Reichen werden die schon!
Nur warum willst du eine 5.1 Anlage für Musik?
Kauf dir lieber ein 2.1 er System oder einen guten Verstärker + HiFi-Boxen.


----------



## HanFred (11. September 2006)

Eol_Ruin am 11.09.2006 12:09 schrieb:
			
		

> Reichen werden die schon!
> Nur warum willst du eine 5.1 Anlage für Musik?
> Kauf dir lieber ein 2.1 er System oder einen guten Verstärker + HiFi-Boxen.


weil ne anständige HiFi-ausrüstung (verstärker, player, boxen) teurer ist?
aber du hast recht, 5.1 bringt's bei sound nicht allzu sehr. aber es verteilt immerhin den sound im ganzen raum.
sicher wäre ein Yamaha-verstärker mit Canton-boxen was besseres. aber das kostet. und je nach musikgeschmack spielt es keine riesige rolle.


----------



## danne47 (11. September 2006)

Bonkic am 11.09.2006 12:05 schrieb:
			
		

> mxsch am 11.09.2006 12:01 schrieb:
> 
> 
> 
> ...



ist dieses LS überhaupt für dauerbelastung ausgelegt?  ich hab' hier im forum gelesen, dass sich der bass bei zu starker last abschaltet...


----------



## HanFred (11. September 2006)

danne47 am 11.09.2006 12:20 schrieb:
			
		

> Bonkic am 11.09.2006 12:05 schrieb:
> 
> 
> 
> ...


das war glaube ich  beim nicht-magnum so. ich wurde jedenfalls schonmal korrigiert, als ich das anderswo eingeworfen habe.


----------



## cccccccccc (11. September 2006)

genau das wird passieren, der subwoofer wird ueberhitzen und abschalten. das set ist ein heimkinosystem und nur fuer kurzeitige bassimpulse konzipiert. btw, was fuer musik wird ueberhaupt gespielt?


----------



## Herbboy (11. September 2006)

cccccccccc am 11.09.2006 12:30 schrieb:
			
		

> genau das wird passieren, der subwoofer wird ueberhitzen und abschalten. das set ist ein heimkinosystem und nur fuer kurzeitige bassimpulse konzipiert. btw, was fuer musik wird ueberhaupt gespielt?



er redet von "lärm machen", also wird's wohl hip hop sein... 


@topic: wenn du gute 3-wege-stereoboxen + verstärker nimmst hast du auch mehr als genug lautstärke, und gute boxen haben selber mehr als genug bass. nur wäre as ein höhere investition, hört sich aber auch besser an. zu starker bass wäre für nen partykeller auch nicht zu empfehlen, denn party = spät, und bass wird von außen sehr viel deutlich wahrgenommen als andere frequenzen, d.h. du hättst ohnehin dauernd ärger mit den nachbarn bzw. müßtest den sub so eit runterregeln, dass du auch gleich den sub weglassen und boxen mit gneug eigenbass nehmen kannst.


----------



## mxsch (11. September 2006)

Herbboy am 11.09.2006 15:01 schrieb:
			
		

> cccccccccc am 11.09.2006 12:30 schrieb:
> 
> 
> 
> ...



Also Nachbarn sind kein Problem, da es ein Haus ist um der Raum ein Kellerraum ist.
Ich bin deswegen auf diese Boxen gekommen, da sie relativ günstig für die gebotene Leistung sind.

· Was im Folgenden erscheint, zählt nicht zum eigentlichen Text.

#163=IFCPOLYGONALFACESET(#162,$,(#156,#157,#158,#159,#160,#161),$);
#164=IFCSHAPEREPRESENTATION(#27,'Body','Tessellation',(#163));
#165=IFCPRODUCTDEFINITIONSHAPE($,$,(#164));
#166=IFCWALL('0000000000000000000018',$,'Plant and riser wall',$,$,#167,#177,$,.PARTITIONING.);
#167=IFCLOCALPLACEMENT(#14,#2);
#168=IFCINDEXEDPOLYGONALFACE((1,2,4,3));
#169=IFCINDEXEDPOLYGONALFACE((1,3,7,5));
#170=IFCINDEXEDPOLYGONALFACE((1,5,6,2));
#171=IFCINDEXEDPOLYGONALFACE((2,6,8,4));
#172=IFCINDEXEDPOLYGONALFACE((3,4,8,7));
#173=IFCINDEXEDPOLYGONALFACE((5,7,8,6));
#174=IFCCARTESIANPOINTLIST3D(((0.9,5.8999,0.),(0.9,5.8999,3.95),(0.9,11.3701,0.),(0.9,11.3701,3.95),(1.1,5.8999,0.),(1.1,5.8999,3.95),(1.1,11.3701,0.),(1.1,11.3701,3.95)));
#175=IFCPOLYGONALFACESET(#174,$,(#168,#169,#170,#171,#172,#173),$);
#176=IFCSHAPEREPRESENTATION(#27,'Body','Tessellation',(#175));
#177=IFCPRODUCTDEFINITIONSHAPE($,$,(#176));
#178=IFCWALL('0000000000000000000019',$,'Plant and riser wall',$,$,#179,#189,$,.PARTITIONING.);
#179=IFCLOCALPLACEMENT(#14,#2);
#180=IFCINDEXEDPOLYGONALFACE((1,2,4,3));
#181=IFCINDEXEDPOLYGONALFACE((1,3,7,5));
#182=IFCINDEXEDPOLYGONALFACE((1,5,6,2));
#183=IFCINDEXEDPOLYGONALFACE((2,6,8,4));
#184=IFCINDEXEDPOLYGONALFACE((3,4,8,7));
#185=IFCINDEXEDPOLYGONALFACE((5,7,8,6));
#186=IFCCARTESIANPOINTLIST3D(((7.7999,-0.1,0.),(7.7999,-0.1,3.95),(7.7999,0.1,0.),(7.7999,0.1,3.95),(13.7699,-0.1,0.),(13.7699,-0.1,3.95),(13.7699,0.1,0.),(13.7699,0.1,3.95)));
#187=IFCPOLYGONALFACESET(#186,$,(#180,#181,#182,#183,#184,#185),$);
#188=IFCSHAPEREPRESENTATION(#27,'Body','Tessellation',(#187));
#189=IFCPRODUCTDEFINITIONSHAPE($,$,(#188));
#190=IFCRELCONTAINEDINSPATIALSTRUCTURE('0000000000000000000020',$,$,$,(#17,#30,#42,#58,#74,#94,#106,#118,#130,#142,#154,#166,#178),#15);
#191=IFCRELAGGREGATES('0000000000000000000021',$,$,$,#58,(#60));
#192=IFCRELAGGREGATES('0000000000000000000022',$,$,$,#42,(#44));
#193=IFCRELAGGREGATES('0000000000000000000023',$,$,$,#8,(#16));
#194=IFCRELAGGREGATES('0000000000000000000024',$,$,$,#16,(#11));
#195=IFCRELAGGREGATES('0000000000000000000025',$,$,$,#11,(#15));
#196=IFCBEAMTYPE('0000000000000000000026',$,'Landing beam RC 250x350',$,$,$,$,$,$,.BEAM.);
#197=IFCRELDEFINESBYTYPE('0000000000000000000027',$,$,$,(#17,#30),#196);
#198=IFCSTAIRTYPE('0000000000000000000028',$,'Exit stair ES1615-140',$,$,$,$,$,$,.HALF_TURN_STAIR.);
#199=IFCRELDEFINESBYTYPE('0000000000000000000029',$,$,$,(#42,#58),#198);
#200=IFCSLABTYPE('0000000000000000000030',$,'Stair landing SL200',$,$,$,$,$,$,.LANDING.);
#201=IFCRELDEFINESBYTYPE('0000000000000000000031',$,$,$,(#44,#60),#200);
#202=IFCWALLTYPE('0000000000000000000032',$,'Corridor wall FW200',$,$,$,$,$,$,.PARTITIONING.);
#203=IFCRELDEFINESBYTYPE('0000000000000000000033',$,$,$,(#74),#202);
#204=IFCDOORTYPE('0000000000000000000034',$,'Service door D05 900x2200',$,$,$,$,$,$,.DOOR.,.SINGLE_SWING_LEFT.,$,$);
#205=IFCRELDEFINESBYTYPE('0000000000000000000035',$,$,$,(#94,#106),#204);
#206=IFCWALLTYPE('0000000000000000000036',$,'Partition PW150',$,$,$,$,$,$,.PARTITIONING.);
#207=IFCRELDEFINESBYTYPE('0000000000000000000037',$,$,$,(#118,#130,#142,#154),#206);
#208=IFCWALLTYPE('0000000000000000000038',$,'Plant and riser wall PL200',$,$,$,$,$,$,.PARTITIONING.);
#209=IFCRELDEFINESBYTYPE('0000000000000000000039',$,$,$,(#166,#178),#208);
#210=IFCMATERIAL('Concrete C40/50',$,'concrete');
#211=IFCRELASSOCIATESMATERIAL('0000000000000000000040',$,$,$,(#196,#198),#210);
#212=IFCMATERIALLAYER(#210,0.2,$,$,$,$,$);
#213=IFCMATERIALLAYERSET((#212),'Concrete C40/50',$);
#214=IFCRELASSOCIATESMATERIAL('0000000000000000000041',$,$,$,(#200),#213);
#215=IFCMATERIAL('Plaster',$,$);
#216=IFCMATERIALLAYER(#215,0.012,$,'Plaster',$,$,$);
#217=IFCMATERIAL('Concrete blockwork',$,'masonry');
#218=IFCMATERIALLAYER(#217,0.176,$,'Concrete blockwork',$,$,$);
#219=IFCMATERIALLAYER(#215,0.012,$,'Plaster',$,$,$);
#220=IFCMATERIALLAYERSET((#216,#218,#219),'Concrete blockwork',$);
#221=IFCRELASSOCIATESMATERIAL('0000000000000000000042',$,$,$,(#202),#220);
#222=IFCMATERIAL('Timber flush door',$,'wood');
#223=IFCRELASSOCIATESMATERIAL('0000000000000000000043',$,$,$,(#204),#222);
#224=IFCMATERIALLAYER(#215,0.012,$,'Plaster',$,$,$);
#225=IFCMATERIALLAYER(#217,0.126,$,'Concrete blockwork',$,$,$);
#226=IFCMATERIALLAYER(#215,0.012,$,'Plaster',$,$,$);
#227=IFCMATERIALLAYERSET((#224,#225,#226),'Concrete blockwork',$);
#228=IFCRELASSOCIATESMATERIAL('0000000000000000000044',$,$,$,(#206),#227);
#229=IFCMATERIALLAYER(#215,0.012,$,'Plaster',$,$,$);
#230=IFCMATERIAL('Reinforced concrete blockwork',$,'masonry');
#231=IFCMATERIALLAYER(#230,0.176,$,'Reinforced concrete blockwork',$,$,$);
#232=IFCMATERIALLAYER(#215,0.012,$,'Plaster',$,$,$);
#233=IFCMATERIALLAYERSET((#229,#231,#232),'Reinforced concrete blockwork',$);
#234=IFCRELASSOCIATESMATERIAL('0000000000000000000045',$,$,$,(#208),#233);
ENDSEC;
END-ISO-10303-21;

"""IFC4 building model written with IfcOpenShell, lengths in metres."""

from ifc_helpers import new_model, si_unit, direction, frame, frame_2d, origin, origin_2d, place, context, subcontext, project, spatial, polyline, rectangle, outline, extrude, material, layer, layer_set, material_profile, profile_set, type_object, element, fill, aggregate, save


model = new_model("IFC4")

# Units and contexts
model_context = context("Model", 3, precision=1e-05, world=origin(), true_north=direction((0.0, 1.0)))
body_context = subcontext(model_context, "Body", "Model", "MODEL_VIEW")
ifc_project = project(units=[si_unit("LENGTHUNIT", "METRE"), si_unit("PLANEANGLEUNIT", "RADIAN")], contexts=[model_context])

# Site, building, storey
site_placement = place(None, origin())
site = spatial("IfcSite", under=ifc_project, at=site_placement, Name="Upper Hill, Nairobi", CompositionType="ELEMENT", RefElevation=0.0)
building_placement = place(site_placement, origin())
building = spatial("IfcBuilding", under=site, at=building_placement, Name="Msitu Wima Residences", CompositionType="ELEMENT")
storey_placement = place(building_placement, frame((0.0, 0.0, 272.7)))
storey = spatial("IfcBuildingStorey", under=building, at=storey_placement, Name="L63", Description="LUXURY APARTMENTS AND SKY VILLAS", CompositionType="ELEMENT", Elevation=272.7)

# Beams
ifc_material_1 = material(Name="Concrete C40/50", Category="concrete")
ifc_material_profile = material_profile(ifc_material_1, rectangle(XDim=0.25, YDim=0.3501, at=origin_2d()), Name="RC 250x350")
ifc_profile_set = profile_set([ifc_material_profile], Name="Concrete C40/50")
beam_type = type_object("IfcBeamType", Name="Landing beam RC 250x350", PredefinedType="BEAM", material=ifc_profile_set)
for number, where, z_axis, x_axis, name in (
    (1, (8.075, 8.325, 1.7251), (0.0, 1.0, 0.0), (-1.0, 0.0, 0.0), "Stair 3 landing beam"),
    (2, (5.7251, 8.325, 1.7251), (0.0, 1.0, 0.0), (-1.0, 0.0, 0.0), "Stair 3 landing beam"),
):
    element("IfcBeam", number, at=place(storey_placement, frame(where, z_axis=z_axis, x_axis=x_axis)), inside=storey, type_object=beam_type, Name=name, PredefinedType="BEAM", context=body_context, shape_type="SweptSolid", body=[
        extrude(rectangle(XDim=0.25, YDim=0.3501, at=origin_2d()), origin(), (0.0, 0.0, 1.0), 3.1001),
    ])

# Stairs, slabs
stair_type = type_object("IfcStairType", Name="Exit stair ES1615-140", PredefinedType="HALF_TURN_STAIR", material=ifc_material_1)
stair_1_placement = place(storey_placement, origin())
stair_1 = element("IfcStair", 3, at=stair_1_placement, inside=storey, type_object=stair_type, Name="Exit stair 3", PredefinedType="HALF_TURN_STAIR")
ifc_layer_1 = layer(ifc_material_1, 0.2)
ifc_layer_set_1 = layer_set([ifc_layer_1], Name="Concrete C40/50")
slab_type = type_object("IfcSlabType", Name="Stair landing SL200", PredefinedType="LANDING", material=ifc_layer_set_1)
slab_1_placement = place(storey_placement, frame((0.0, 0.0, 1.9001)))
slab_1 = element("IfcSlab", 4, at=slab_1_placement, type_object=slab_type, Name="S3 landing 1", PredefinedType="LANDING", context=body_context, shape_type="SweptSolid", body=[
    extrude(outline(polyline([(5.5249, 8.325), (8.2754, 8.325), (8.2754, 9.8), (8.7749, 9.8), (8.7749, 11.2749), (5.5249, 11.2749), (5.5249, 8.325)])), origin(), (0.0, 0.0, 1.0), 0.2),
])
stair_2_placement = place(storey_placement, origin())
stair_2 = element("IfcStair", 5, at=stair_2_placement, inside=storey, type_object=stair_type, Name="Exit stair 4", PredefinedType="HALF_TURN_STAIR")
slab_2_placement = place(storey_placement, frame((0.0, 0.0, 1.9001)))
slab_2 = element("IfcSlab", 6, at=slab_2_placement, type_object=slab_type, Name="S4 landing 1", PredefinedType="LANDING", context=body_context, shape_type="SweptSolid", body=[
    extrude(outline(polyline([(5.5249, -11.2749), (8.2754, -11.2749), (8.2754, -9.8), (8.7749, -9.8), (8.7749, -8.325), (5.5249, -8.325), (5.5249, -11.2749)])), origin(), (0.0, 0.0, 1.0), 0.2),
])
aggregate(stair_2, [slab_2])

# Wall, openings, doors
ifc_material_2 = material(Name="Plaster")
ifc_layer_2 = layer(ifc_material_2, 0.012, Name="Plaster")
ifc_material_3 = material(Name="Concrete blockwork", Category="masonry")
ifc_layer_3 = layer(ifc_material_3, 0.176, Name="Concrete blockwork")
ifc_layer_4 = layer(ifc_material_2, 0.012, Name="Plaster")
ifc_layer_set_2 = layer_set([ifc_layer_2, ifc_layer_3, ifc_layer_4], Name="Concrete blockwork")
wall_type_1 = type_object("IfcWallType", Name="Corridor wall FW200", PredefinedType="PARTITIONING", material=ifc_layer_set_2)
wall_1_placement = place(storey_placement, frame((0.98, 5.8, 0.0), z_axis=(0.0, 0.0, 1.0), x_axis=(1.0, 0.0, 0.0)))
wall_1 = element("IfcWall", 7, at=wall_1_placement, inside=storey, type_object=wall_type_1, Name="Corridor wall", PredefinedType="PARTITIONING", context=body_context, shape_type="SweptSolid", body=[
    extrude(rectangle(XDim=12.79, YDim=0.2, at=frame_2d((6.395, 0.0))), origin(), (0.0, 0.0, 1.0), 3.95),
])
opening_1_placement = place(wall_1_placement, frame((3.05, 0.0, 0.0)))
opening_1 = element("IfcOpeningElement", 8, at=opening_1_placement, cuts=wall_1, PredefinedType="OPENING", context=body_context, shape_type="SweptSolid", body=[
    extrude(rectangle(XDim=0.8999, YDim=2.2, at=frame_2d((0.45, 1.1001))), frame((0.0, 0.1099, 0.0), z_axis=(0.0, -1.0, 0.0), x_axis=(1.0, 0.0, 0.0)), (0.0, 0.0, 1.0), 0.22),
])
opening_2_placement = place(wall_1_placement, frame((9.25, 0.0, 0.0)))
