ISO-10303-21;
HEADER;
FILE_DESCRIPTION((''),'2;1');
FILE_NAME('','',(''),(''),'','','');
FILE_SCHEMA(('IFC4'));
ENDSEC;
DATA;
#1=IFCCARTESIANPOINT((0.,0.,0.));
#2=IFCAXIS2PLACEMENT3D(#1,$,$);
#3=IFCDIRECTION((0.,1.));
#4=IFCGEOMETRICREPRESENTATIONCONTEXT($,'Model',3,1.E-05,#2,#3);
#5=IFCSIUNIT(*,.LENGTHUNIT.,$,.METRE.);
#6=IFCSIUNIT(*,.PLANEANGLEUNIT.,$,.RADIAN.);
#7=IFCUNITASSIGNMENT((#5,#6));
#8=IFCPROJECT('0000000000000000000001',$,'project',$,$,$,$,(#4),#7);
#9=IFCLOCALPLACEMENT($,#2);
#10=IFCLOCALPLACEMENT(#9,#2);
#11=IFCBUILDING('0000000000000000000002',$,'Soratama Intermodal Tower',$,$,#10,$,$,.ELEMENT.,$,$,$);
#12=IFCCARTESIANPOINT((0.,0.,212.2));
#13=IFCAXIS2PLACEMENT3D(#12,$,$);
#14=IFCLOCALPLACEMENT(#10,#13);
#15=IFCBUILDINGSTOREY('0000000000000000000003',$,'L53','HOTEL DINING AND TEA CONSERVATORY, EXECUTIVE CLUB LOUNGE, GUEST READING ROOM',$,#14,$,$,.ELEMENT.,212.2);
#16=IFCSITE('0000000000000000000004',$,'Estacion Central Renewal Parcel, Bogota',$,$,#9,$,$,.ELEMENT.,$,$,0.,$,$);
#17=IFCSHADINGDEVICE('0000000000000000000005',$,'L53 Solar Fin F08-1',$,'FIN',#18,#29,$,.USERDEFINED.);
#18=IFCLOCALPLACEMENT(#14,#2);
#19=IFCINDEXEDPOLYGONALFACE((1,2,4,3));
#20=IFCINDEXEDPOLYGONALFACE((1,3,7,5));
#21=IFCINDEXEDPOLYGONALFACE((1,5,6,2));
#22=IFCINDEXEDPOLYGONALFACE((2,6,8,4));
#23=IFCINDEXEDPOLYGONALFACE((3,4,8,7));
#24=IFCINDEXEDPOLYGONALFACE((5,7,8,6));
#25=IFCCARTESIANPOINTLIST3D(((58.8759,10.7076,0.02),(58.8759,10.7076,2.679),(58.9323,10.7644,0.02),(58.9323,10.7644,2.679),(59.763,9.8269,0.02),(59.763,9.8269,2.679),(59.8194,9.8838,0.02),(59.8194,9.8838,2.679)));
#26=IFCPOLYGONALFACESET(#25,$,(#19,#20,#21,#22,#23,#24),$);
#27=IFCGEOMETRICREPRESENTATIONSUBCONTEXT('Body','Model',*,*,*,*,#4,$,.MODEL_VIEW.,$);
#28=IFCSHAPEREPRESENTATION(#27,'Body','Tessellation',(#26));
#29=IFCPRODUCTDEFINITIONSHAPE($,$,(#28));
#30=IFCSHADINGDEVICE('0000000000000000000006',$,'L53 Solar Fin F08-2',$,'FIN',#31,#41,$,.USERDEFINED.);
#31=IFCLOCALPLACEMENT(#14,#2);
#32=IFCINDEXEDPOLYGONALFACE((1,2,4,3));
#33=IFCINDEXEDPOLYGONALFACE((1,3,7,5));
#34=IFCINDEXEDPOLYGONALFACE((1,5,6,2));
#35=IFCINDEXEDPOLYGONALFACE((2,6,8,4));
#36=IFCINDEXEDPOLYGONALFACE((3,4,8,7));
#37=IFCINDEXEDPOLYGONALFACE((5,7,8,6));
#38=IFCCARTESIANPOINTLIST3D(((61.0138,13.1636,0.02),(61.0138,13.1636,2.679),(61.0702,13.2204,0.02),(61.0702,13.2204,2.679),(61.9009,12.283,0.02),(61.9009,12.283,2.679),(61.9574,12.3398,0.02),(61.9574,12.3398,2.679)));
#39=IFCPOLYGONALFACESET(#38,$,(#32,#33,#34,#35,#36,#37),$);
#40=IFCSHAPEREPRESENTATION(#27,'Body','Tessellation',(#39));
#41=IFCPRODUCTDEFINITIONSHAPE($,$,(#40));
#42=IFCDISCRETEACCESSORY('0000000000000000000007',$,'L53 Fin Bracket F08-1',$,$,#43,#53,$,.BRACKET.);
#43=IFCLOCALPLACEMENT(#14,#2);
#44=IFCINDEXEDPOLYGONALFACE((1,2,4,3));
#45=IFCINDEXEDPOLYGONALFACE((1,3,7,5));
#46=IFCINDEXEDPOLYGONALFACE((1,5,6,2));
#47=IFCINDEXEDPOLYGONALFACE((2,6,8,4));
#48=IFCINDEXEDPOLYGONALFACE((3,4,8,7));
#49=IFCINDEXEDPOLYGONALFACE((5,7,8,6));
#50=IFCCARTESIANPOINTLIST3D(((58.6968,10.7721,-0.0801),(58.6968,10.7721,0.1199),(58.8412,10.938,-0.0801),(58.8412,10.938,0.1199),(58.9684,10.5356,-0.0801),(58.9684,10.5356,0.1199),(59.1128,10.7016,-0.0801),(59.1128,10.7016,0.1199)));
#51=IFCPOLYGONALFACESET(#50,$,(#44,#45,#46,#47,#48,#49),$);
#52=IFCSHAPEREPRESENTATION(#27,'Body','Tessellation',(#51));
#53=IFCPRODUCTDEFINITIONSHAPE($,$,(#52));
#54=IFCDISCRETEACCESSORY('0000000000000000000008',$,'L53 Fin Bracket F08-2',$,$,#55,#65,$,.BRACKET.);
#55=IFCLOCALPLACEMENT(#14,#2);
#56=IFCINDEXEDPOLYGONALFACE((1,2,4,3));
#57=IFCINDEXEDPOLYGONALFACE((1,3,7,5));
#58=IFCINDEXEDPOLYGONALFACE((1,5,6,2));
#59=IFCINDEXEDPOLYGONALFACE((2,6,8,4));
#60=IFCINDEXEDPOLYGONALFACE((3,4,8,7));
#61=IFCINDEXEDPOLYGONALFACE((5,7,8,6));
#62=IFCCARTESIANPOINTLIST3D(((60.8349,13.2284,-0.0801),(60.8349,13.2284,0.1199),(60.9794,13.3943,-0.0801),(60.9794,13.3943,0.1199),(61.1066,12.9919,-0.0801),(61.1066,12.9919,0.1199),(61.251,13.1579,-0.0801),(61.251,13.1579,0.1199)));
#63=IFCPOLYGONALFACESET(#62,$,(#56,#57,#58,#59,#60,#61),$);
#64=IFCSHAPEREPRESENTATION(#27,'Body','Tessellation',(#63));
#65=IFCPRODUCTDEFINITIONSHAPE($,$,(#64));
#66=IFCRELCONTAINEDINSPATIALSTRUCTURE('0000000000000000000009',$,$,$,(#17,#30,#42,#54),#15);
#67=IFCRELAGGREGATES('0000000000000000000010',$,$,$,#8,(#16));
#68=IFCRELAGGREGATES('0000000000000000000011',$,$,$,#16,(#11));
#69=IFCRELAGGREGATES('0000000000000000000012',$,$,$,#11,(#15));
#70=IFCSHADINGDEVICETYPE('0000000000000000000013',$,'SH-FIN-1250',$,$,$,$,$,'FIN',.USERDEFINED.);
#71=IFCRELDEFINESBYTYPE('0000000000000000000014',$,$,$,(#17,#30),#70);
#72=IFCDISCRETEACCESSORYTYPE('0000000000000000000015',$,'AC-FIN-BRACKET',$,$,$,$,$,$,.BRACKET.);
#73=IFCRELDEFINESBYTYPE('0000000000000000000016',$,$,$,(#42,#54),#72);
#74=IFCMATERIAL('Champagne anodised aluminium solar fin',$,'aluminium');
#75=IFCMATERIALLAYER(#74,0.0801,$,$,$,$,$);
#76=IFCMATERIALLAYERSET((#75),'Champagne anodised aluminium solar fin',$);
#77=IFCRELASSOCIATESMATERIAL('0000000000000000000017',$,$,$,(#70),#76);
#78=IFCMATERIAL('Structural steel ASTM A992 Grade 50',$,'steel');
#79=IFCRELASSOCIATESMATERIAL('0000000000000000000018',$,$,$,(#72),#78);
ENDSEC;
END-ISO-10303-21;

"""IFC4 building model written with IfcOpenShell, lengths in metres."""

from ifc_helpers import new_model, si_unit, direction, frame, origin, origin_2d, place, context, subcontext, project, spatial, rectangle, extrude, material, layer, layer_set, type_object, element, save


model = new_model("IFC4")

# Units and contexts
model_context = context("Model", 3, precision=1e-05, world=origin(), true_north=direction((0.0, 1.0)))
body_context = subcontext(model_context, "Body", "Model", "MODEL_VIEW")
ifc_project = project(units=[si_unit("LENGTHUNIT", "METRE"), si_unit("PLANEANGLEUNIT", "RADIAN")], contexts=[model_context])

# Site, building, storey
site_placement = place(None, origin())
site = spatial("IfcSite", under=ifc_project, at=site_placement, Name="Estacion Central Renewal Parcel, Bogota", CompositionType="ELEMENT", RefElevation=0.0)
building_placement = place(site_placement, origin())
building = spatial("IfcBuilding", under=site, at=building_placement, Name="Soratama Intermodal Tower", CompositionType="ELEMENT")
storey_placement = place(building_placement, frame((0.0, 0.0, 212.2)))
storey = spatial("IfcBuildingStorey", under=building, at=storey_placement, Name="L53", Description="HOTEL DINING AND TEA CONSERVATORY, EXECUTIVE CLUB LOUNGE, GUEST READING ROOM", CompositionType="ELEMENT", Elevation=212.2)

# Shading devices
ifc_material_1 = material(Name="Champagne anodised aluminium solar fin", Category="aluminium")
ifc_layer_1 = layer(ifc_material_1, 0.0801)
ifc_layer_set_1 = layer_set([ifc_layer_1], Name="Champagne anodised aluminium solar fin")
shading_device_type = type_object("IfcShadingDeviceType", Name="SH-FIN-1250", ElementType="FIN", PredefinedType="USERDEFINED", material=ifc_layer_set_1)
for number, where, z_axis, x_axis, name in (
    (1, (59.3477, 10.2957, 0.02), (0.0, 0.0, 1.0), (0.709694, -0.70451, 0.0), "L53 Solar Fin F08-1"),
    (2, (61.4856, 12.7517, 0.02), (0.0, 0.0, 1.0), (0.709694, -0.70451, 0.0), "L53 Solar Fin F08-2"),
):
    element("IfcShadingDevice", number, at=place(storey_placement, frame(where, z_axis=z_axis, x_axis=x_axis)), inside=storey, type_object=shading_device_type, Name=name, ObjectType="FIN", PredefinedType="USERDEFINED", context=body_context, shape_type="SweptSolid", body=[
        extrude(rectangle(XDim=1.25, YDim=0.0801, at=origin_2d()), origin(), (0.0, 0.0, 1.0), 2.6589),
    ])

# Discrete accessories
ifc_material_2 = material(Name="Structural steel ASTM A992 Grade 50", Category="steel")
discrete_accessory_type = type_object("IfcDiscreteAccessoryType", Name="AC-FIN-BRACKET", PredefinedType="BRACKET", material=ifc_material_2)
for number, where, z_axis, x_axis, name in (
    (3, (58.9048, 10.7368, -0.0801), (0.0, 0.0, 1.0), (0.754251, -0.656586, 0.0), "L53 Fin Bracket F08-1"),
    (4, (61.043, 13.1931, -0.0801), (0.0, 0.0, 1.0), (0.754251, -0.656586, 0.0), "L53 Fin Bracket F08-2"),
):
    element("IfcDiscreteAccessory", number, at=place(storey_placement, frame(where, z_axis=z_axis, x_axis=x_axis)), inside=storey, type_object=discrete_accessory_type, Name=name, PredefinedType="BRACKET", context=body_context, shape_type="SweptSolid", body=[
        extrude(rectangle(XDim=0.3601, YDim=0.22, at=origin_2d()), origin(), (0.0, 0.0, 1.0), 0.2),
    ])

save(model, "model.ifc")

Und es herrscht nicht ständig Vollbetrieb.
Man soll sich schon unterhalten können, aber ich will auch bei Bedarf etwas lauter stellen können.
Bei meinem anderen PC hab ich ein 2.1 System von Creative und ne Audigy 2 ZS ebenfalls, und damit höre ich auch oft lange und laut Musik, ohne Probleme. Weil weiter oben erwähnt wurde, dass sie für Musik eher nicht geeignet wären.
Also ich finde das solte kein Problem sein.


----------



## HobbitMeister (11. September 2006)

Also vom CEM würde ich dir auf jeden Fall abraten! Nicht weil es schlecht ist oder keinen Lärm machen kann, sondern weil es idR nicht auf Dauer Lärm machen kann, es schaltet sich der Subwoofer ab. (Gerade bei 32m² stoßt das Ding sowieso an seine Grenzen, auch laut Teufel)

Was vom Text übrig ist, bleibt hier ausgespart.